1. How does cropping affect plant growth?
Ans. Cropping refers to the practice of cutting off the top portion of a plant to stimulate growth. It is commonly done to remove dead or damaged parts of the plant or to control the plant's height and shape. Cropping can improve plant growth by promoting the development of lateral branches, increasing light penetration to lower parts of the plant, and redirecting nutrients to the remaining healthy parts.
2. What are the benefits of cropping in agriculture?
Ans. Cropping in agriculture offers several benefits. Firstly, it can enhance the overall health and appearance of plants by removing diseased or damaged parts. Additionally, cropping can help maintain the desired shape and size of plants, making them more aesthetically pleasing. It also improves air circulation and light penetration, leading to better photosynthesis and overall plant growth.

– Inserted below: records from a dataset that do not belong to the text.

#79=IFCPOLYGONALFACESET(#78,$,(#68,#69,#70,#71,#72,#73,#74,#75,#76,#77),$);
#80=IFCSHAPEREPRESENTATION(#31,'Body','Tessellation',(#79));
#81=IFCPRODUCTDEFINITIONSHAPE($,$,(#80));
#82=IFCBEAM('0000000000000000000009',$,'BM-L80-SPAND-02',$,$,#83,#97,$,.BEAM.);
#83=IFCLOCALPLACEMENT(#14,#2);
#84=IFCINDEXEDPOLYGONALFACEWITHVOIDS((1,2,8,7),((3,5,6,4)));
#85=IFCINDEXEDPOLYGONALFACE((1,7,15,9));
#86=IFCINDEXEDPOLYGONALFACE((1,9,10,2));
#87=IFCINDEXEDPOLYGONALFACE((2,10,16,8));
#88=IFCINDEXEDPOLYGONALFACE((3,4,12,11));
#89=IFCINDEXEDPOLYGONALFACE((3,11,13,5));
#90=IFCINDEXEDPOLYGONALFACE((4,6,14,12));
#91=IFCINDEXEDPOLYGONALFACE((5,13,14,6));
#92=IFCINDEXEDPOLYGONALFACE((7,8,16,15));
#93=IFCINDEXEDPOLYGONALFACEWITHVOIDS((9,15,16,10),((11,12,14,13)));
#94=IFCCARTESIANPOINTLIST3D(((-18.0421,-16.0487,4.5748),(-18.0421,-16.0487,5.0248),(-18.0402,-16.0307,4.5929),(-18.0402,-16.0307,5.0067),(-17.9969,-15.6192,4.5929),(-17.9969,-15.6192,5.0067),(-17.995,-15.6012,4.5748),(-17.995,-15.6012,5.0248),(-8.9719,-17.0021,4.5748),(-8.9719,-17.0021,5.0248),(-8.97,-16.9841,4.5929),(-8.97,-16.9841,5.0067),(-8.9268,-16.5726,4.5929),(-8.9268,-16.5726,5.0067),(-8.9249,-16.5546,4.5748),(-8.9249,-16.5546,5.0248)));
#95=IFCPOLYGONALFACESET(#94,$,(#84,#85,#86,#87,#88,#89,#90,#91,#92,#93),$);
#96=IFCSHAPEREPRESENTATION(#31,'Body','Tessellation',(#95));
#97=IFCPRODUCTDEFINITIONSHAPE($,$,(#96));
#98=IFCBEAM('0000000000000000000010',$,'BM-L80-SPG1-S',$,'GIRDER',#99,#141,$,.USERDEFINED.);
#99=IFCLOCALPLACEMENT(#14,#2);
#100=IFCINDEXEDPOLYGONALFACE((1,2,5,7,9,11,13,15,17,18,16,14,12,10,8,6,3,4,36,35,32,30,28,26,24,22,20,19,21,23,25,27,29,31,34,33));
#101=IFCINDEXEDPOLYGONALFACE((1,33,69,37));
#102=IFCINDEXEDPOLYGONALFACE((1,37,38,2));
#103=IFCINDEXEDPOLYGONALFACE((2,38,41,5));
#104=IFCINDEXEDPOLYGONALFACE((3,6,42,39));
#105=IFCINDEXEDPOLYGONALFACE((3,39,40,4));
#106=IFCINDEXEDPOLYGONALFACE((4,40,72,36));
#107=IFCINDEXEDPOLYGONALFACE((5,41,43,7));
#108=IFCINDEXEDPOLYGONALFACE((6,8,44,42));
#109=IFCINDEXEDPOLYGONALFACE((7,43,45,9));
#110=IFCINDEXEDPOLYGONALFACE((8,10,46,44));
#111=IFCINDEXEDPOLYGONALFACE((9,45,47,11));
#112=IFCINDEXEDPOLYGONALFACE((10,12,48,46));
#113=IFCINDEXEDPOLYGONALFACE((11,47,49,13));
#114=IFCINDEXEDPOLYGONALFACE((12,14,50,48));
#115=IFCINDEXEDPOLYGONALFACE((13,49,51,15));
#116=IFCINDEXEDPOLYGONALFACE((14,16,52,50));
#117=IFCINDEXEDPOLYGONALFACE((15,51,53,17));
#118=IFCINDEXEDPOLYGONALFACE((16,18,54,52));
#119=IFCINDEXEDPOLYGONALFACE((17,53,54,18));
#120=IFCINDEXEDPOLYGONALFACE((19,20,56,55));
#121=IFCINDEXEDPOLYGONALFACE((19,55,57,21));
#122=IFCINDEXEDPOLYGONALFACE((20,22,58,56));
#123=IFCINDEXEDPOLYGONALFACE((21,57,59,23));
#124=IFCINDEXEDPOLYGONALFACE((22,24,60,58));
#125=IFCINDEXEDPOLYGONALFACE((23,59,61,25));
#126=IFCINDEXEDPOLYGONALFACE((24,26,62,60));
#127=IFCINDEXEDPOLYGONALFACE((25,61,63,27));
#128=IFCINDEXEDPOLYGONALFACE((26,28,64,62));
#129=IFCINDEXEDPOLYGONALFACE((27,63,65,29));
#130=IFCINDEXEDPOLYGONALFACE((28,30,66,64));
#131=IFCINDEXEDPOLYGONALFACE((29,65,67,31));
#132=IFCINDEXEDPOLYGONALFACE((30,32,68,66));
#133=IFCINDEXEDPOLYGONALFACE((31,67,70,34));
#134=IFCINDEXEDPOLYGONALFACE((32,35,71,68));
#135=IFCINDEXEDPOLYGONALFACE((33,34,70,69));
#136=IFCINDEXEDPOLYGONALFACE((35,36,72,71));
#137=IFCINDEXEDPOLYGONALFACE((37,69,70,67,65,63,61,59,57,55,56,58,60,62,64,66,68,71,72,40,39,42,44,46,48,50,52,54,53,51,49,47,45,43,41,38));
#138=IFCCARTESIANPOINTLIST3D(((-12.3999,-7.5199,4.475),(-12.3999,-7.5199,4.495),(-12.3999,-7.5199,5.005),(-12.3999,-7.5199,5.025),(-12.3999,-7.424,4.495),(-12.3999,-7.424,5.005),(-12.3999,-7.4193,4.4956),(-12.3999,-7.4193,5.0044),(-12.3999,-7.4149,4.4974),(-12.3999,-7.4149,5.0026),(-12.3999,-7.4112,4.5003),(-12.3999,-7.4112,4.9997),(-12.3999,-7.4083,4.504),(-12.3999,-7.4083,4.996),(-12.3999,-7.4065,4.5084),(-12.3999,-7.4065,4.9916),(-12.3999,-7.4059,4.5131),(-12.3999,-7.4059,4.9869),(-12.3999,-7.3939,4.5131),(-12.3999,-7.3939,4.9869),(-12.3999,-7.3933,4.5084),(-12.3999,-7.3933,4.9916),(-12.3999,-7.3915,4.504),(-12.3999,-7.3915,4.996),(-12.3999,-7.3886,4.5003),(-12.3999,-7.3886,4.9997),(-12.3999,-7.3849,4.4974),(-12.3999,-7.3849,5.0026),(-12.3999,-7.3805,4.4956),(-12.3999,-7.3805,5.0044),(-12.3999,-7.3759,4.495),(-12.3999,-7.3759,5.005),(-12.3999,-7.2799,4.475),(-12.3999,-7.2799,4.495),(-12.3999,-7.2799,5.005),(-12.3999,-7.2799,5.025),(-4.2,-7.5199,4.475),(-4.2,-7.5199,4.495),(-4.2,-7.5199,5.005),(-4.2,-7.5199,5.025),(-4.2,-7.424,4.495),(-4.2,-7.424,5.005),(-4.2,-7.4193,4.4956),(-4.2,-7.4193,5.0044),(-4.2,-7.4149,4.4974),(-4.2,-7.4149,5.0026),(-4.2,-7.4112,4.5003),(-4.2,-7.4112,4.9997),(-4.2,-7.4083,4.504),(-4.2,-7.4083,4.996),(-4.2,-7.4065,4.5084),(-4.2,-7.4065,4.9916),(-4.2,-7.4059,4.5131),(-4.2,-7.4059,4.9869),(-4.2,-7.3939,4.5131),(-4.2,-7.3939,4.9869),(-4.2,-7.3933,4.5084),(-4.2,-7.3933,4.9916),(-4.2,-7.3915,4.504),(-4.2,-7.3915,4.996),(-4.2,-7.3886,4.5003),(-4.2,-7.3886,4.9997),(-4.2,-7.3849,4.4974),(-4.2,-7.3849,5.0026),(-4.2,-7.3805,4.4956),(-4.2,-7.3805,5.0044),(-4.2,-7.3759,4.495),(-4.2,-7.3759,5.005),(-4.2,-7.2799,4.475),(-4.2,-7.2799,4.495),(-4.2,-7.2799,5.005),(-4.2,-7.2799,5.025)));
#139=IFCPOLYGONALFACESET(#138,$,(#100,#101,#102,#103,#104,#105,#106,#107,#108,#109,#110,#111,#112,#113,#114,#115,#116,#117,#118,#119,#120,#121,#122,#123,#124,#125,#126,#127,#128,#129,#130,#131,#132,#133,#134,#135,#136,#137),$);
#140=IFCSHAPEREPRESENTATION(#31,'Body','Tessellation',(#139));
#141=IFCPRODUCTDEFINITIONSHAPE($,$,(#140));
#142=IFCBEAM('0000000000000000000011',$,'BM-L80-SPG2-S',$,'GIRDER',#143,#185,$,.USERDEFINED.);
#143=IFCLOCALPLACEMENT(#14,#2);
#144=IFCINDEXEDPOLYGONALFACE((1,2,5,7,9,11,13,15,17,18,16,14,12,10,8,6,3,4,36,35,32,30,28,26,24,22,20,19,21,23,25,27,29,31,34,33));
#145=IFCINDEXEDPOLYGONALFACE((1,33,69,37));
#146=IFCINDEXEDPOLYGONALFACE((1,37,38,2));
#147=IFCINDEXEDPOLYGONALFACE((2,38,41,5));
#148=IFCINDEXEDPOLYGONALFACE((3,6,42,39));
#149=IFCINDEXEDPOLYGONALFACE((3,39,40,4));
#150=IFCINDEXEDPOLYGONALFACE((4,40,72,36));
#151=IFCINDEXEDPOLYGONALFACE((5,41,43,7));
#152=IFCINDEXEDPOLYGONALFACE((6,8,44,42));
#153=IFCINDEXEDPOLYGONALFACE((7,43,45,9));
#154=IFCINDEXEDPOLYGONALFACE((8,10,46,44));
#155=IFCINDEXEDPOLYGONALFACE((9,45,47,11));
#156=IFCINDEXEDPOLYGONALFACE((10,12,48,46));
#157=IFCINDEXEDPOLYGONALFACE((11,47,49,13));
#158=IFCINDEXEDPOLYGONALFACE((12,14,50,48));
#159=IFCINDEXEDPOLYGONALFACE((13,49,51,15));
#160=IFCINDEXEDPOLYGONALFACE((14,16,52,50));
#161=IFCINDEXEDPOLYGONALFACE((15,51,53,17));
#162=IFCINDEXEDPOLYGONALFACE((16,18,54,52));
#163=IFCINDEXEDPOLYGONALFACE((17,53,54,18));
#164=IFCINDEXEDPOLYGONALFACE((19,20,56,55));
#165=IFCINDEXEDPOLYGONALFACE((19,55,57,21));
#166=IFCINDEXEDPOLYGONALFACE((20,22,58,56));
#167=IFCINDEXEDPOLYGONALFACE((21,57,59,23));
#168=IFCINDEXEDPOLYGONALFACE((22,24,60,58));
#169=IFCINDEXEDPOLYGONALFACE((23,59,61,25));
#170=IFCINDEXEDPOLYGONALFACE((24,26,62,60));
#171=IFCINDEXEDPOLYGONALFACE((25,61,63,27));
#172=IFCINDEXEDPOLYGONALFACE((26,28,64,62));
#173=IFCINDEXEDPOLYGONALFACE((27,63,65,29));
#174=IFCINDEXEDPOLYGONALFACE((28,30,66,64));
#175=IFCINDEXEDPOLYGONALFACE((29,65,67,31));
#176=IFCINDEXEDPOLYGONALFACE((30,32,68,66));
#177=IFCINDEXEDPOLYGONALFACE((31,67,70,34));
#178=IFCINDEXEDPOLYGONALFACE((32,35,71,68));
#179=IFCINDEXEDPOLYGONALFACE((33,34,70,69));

3. When is the best time to crop plants?
Ans. The best time to crop plants depends on the specific plant species and its growth cycle. In general, it is recommended to crop plants during their active growing season, when they have sufficient energy reserves to recover from the pruning. For deciduous plants, cropping is often done during late winter or early spring before the new growth begins. However, it is essential to research and understand the specific requirements of each plant before cropping.

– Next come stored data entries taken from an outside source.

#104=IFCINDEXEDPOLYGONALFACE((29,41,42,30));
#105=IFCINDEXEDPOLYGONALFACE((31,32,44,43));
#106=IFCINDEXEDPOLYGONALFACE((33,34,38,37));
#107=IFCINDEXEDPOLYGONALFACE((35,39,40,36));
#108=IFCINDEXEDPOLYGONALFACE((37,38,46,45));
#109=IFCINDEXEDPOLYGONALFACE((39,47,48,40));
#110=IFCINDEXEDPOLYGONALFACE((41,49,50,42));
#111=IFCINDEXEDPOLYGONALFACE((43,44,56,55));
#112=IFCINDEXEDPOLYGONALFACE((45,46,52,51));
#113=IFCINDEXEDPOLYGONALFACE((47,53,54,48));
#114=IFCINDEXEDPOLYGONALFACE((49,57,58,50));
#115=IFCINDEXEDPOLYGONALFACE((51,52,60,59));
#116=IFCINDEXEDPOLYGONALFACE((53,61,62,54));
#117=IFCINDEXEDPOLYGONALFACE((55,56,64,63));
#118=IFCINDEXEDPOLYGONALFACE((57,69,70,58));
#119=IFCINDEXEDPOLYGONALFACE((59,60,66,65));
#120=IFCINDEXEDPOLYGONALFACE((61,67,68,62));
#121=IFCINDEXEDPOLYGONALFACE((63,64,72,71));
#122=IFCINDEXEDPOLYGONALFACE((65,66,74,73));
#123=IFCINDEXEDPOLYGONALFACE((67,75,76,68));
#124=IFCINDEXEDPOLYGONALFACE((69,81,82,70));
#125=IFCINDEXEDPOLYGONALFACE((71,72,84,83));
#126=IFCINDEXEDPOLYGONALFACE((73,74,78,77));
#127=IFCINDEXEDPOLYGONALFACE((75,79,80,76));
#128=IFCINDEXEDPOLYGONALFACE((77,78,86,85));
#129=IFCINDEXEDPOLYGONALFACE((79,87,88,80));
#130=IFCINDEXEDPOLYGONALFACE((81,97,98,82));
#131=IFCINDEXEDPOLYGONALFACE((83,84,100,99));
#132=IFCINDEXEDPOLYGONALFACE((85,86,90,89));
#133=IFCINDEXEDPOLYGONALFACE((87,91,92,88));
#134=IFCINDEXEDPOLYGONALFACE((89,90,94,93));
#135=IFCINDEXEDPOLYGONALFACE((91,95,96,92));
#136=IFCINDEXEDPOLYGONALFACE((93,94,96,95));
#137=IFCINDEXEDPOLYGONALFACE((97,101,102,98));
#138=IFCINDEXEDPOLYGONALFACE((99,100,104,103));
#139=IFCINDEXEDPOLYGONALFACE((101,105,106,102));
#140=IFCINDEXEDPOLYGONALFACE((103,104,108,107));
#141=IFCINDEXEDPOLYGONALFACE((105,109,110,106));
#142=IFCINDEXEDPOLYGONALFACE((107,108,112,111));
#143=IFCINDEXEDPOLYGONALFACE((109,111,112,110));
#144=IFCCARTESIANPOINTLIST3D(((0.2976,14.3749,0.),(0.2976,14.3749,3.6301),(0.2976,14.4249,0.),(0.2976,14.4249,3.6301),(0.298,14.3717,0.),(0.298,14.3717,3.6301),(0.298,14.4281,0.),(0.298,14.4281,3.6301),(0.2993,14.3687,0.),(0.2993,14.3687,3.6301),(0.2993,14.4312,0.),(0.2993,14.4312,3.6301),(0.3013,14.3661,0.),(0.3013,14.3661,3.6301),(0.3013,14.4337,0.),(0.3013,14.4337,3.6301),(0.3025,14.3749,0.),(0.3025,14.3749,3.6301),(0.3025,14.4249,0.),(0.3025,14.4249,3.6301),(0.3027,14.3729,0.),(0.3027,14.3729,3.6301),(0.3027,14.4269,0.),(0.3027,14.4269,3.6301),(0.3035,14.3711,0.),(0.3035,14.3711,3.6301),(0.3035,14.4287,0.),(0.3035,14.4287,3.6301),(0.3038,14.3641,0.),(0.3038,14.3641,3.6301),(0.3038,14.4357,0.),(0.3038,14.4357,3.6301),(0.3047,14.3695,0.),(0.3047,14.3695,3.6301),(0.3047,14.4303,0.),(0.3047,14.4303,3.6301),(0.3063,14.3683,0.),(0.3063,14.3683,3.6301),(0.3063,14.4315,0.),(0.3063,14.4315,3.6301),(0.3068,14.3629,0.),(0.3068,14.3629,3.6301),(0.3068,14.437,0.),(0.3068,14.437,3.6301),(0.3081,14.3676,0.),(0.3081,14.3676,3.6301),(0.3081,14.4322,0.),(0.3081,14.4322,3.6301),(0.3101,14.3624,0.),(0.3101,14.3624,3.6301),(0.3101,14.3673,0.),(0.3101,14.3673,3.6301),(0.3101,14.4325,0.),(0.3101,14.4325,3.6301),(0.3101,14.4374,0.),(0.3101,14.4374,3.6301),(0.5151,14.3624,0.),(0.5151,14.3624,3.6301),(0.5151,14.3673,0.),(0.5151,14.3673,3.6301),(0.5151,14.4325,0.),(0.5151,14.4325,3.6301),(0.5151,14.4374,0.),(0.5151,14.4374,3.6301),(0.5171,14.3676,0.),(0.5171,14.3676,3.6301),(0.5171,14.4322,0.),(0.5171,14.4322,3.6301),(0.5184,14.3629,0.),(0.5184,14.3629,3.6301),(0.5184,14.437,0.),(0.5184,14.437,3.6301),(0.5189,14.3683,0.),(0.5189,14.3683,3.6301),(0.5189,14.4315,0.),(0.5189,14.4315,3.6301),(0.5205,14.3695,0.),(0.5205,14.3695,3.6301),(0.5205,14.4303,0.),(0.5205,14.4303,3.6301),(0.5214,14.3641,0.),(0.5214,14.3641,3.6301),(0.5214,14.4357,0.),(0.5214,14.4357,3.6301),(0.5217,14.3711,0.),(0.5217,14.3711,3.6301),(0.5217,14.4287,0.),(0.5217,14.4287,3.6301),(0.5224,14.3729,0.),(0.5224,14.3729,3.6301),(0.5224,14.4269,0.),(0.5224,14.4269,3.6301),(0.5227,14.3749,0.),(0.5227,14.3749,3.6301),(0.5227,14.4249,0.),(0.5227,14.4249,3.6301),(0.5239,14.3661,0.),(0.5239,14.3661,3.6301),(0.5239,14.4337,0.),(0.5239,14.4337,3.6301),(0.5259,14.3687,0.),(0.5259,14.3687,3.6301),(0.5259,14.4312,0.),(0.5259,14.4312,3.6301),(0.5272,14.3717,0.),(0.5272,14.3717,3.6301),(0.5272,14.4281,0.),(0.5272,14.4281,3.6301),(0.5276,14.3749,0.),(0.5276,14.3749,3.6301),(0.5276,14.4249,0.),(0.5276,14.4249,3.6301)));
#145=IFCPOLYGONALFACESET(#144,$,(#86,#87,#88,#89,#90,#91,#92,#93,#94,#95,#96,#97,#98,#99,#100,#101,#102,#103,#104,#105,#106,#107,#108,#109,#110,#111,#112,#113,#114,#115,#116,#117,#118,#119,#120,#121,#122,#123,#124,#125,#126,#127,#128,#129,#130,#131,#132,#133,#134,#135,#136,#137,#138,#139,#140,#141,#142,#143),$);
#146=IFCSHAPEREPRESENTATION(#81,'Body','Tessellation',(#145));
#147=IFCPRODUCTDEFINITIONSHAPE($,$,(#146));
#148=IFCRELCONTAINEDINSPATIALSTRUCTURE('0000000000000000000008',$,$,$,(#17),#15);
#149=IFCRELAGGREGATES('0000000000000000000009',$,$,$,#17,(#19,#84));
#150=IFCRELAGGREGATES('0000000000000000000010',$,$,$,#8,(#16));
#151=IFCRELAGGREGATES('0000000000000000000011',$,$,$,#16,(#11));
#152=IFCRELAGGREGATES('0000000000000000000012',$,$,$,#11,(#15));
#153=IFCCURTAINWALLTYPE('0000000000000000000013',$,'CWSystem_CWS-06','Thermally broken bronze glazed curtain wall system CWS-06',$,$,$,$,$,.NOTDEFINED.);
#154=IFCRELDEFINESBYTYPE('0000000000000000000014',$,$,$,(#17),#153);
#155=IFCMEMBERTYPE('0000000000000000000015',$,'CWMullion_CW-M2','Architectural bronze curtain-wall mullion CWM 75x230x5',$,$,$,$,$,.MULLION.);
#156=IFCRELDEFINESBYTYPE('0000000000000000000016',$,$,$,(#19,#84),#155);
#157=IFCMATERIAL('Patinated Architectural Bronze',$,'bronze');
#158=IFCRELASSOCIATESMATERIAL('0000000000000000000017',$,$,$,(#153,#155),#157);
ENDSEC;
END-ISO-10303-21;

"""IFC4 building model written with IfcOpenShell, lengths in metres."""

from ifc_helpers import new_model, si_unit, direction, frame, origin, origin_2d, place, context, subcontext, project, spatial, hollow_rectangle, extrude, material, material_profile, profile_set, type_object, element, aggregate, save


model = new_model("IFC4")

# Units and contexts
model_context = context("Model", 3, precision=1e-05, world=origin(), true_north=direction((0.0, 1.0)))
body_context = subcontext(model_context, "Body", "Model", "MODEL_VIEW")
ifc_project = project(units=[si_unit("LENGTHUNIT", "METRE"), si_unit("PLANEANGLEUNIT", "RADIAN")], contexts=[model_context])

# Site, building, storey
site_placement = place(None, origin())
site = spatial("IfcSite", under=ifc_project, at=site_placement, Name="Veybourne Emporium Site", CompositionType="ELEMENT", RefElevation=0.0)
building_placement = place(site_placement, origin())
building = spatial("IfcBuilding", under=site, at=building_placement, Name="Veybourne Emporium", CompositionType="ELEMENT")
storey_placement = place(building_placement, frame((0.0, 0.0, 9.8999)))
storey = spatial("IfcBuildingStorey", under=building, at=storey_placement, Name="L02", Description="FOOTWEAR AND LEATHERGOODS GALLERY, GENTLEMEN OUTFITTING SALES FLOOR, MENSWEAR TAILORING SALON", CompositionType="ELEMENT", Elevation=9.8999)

4. Can cropping be harmful to plants?
Ans. While cropping is generally beneficial for plants, improper or excessive pruning can harm them. Over-cropping, which involves removing too many branches or foliage, can weaken the plants and make them more susceptible to diseases and pests. It is crucial to follow proper pruning techniques, such as making clean cuts and not removing more than one-third of the plant's foliage at a time, to minimize the risk of harm.

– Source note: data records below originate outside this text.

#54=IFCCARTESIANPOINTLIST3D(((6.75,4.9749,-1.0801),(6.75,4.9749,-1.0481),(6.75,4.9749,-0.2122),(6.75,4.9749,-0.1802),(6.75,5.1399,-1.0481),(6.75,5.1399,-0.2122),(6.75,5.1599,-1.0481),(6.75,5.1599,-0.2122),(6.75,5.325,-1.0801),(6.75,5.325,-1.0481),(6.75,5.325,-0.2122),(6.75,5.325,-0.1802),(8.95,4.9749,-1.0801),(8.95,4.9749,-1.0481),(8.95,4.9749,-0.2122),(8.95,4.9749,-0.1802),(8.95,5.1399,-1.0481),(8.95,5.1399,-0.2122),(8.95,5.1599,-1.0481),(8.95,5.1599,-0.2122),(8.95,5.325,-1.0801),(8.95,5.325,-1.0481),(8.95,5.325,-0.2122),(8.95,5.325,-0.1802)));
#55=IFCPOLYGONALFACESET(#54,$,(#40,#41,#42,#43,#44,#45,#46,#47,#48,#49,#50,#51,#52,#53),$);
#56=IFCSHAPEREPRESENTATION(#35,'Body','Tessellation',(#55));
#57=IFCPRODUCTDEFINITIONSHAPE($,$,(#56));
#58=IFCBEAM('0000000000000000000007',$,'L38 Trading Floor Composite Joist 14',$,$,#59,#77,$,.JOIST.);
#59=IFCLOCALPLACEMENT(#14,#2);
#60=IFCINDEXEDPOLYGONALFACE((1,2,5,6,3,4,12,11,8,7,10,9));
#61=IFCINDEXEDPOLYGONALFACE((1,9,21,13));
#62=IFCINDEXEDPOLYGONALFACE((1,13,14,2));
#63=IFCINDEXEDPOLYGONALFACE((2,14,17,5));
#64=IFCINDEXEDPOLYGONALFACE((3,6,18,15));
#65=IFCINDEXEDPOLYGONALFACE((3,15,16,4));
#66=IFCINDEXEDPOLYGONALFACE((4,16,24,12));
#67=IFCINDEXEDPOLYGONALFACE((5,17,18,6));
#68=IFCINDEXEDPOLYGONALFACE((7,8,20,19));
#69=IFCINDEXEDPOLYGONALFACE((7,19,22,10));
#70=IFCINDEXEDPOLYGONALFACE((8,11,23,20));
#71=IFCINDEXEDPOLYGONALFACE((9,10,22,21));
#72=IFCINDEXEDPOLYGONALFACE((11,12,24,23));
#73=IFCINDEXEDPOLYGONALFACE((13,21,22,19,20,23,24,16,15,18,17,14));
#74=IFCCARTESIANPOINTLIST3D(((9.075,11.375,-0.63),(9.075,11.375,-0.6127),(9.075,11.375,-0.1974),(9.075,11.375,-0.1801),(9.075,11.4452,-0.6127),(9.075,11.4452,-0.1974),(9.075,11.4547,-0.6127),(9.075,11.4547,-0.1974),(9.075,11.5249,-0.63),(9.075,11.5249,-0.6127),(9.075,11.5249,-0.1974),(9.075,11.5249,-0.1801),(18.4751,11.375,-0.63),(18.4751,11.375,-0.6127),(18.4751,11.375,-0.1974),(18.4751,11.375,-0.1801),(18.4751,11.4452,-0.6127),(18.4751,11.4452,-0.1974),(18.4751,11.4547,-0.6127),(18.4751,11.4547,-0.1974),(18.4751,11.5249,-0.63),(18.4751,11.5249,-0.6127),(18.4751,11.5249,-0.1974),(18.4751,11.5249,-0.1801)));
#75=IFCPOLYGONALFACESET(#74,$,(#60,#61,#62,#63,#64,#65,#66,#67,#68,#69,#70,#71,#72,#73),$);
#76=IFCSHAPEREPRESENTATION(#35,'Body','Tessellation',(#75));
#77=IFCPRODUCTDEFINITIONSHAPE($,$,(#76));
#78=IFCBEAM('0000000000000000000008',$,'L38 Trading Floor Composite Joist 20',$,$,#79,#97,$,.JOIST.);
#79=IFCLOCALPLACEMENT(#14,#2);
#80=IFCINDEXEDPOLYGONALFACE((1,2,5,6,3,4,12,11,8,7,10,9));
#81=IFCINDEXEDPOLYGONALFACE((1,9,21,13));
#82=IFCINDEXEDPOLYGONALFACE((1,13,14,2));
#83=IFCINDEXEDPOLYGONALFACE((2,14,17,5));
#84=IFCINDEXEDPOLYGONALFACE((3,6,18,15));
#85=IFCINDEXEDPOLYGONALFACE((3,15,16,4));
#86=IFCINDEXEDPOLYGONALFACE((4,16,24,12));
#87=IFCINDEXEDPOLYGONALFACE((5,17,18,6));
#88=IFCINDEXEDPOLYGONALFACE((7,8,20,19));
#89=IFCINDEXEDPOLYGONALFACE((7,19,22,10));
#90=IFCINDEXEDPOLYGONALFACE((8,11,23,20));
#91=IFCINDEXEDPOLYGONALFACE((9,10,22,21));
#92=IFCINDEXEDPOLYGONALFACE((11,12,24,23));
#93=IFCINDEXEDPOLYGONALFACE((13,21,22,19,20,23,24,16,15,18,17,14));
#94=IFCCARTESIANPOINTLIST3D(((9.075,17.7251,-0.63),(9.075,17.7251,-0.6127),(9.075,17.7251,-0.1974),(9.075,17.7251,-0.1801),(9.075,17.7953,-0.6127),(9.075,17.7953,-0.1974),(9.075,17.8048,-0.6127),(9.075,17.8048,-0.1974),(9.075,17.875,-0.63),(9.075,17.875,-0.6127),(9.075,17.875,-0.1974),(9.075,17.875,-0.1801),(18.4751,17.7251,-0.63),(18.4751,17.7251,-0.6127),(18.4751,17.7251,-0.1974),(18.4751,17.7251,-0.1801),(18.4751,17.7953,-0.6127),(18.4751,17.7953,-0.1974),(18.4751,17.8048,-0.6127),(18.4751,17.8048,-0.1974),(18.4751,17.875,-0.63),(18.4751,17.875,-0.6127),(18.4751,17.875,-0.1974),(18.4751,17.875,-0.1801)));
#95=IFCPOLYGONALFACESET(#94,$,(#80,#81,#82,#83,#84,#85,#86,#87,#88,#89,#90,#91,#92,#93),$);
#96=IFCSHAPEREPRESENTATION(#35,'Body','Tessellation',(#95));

5. Are there any specific tools or techniques for cropping plants effectively?
Ans. Yes, there are specific tools and techniques for effective cropping. Some commonly used tools include pruning shears, hedge trimmers, and loppers, depending on the size and type of plants being cropped. It is important to use sharp and clean tools to make precise cuts without causing unnecessary damage. Additionally, understanding the growth habits and requirements of different plants is crucial for using the appropriate cropping techniques, such as selective branch removal or heading back.